Thereafter, the district court granted Nautilus’s motion to compel appraisal and stayed the case pending the appraisal. The appraisers completed the appraisal on May 23, 2013; the appraisal assessed damages to the exteriors and structures of the two properties. No amounts for contents damages were included in the appraisal award. That same week, on May 28, Nautilus wrote to Quibodeaux explaining its calculation of how much it owed under the appraisal award after subtracting the deductibles and its initial payments. Quibodeaux did not respond. Two weeks later, on June 13, Nautilus sent checks to Quibodeaux, which Quibodeaux cashed without dispute.

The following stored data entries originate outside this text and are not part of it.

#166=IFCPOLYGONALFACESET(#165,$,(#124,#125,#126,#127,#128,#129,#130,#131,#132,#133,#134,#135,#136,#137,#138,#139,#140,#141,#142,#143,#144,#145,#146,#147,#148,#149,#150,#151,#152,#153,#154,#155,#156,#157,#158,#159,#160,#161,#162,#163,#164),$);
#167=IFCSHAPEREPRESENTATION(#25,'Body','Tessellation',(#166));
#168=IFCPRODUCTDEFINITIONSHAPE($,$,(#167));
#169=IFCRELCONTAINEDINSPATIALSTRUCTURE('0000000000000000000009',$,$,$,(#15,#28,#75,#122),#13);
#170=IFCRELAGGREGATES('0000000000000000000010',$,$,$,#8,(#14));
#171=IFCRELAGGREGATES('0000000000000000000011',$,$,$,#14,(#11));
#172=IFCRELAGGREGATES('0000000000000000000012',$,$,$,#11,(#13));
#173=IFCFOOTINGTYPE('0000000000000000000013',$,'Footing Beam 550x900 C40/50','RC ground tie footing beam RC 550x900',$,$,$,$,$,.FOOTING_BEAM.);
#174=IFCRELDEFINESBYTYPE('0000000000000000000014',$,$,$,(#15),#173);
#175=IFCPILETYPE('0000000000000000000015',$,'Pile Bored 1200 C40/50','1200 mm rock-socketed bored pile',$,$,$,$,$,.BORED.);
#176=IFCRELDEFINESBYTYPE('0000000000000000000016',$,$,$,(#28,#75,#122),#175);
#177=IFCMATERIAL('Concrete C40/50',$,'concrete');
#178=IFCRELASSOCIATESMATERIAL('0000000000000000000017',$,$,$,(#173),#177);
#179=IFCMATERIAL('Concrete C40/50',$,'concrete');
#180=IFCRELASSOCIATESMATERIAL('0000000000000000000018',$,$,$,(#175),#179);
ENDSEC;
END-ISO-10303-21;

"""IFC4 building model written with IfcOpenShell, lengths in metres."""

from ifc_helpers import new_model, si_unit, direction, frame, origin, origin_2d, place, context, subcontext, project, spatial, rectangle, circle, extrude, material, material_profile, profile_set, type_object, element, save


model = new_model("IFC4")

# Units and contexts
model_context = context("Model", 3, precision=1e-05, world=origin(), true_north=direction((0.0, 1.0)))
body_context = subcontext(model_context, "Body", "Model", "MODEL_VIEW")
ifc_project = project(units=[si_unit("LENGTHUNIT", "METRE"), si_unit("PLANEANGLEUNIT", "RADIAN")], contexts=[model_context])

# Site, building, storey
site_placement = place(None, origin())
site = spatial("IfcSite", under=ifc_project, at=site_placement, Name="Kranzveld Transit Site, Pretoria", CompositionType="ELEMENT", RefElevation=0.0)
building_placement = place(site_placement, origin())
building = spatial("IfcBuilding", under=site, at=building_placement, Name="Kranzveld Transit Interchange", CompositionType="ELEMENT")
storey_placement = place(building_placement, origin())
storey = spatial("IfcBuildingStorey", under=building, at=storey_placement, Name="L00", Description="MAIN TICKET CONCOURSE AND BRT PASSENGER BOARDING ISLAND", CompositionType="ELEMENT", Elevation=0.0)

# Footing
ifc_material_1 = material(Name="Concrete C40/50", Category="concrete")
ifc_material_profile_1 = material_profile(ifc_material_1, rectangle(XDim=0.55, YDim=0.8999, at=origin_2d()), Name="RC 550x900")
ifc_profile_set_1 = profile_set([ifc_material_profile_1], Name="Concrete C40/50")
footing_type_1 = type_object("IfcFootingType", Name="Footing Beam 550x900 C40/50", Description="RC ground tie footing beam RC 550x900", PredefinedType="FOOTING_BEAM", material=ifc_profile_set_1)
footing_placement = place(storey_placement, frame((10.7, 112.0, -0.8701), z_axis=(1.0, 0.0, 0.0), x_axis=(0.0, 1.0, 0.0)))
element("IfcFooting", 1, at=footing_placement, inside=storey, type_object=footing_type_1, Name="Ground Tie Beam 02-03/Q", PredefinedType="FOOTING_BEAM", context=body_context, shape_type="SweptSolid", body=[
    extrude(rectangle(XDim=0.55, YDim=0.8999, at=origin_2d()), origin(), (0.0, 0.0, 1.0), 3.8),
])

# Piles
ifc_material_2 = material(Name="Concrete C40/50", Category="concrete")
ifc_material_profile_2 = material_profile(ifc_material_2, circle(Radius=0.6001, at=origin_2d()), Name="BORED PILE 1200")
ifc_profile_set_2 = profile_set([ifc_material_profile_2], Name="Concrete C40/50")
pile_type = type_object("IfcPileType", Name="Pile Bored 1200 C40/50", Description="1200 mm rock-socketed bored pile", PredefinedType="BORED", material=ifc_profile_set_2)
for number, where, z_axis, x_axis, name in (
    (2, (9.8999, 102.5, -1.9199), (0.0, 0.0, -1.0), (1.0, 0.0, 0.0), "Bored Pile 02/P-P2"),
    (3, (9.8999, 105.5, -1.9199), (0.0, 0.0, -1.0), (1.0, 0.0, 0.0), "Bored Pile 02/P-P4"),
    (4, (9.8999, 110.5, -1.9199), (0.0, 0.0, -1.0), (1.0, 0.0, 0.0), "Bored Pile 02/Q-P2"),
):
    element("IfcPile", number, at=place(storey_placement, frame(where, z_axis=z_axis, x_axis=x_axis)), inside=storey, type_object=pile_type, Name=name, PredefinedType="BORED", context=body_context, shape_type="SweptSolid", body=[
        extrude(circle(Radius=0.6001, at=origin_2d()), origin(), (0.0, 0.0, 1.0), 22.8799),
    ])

Nautilus again heard nothing from Qui-bodeaux for six months, until November 2013, when Quibodeaux wrote to Nautilus stating that he still had claims for, among other things, damaged contents and lost business income, which needed to proceed to trial. Quibodeaux also moved to set a trial date. The district court denied the motion and ordered the parties to file dis-positive motions. Nautilus filed a motion for summary judgment, which a magistrate judge reviewed and recommended granting. The district court adopted the magistrate judge’s recommendation in full, overruled Quibodeaux’s objections, and entered summary judgment for Nautilus. This appeal followed,

II.

We review a summary judgment de novo, applying the same legal standards as the district court. Hemphill v. State Farm Mut. Auto. Ins. Co., 805 F.3d 535, 538 (5th Cir. 2015). Summary judgment is proper when the pleadings, the discovery and disclosure material on file, and any affidavits show that “there is no genuine dispute as to any material fact and the movant is entitled to judgment as a matter of law.” Fed. R. Civ. P. 56(a). When a party does not object to a magistrate judge’s “findings of fact, conclusions of law, or recommendation to the district court,” despite receiving “notice of the consequences of failing to object,” we review for plain error. Ortiz v. City of San Antonio Fire Dep’t, 806 F.3d 822, 825-26 (5th Cir. 2015). We do not consider “evidence or arguments that were not presented to the district court for its consideration in ruling on the motion.” Estate of Henson v. Wichita County, 795 F.3d 456, 469 n.8 (5th Cir. 2015) (quoting Stults v. Conoco, Inc., 76 F.3d 651, 657 (5th Cir. 1996)). We may affirm on any basis raised below and supported by the record. QBE Ins. Corp. v. Brown & Mitchell, Inc., 591 F.3d 439, 443 (5th Cir. 2009).

III.

A.

Quibodeaux first challenges the district court’s grant of summary judgment on his breach-of-contract claim. Under Texas law, an insurer’s timely payment of a binding and enforceable appraisal award, and the insured’s acceptance of the pay *987 ment, estops the insured from maintaining a breach-of-contract claim against the insurer. See Franco v. Slavonic Mut. Fire Ins. Ass’n, 154 S.W.3d 777, 787 (Tex. App. 2004).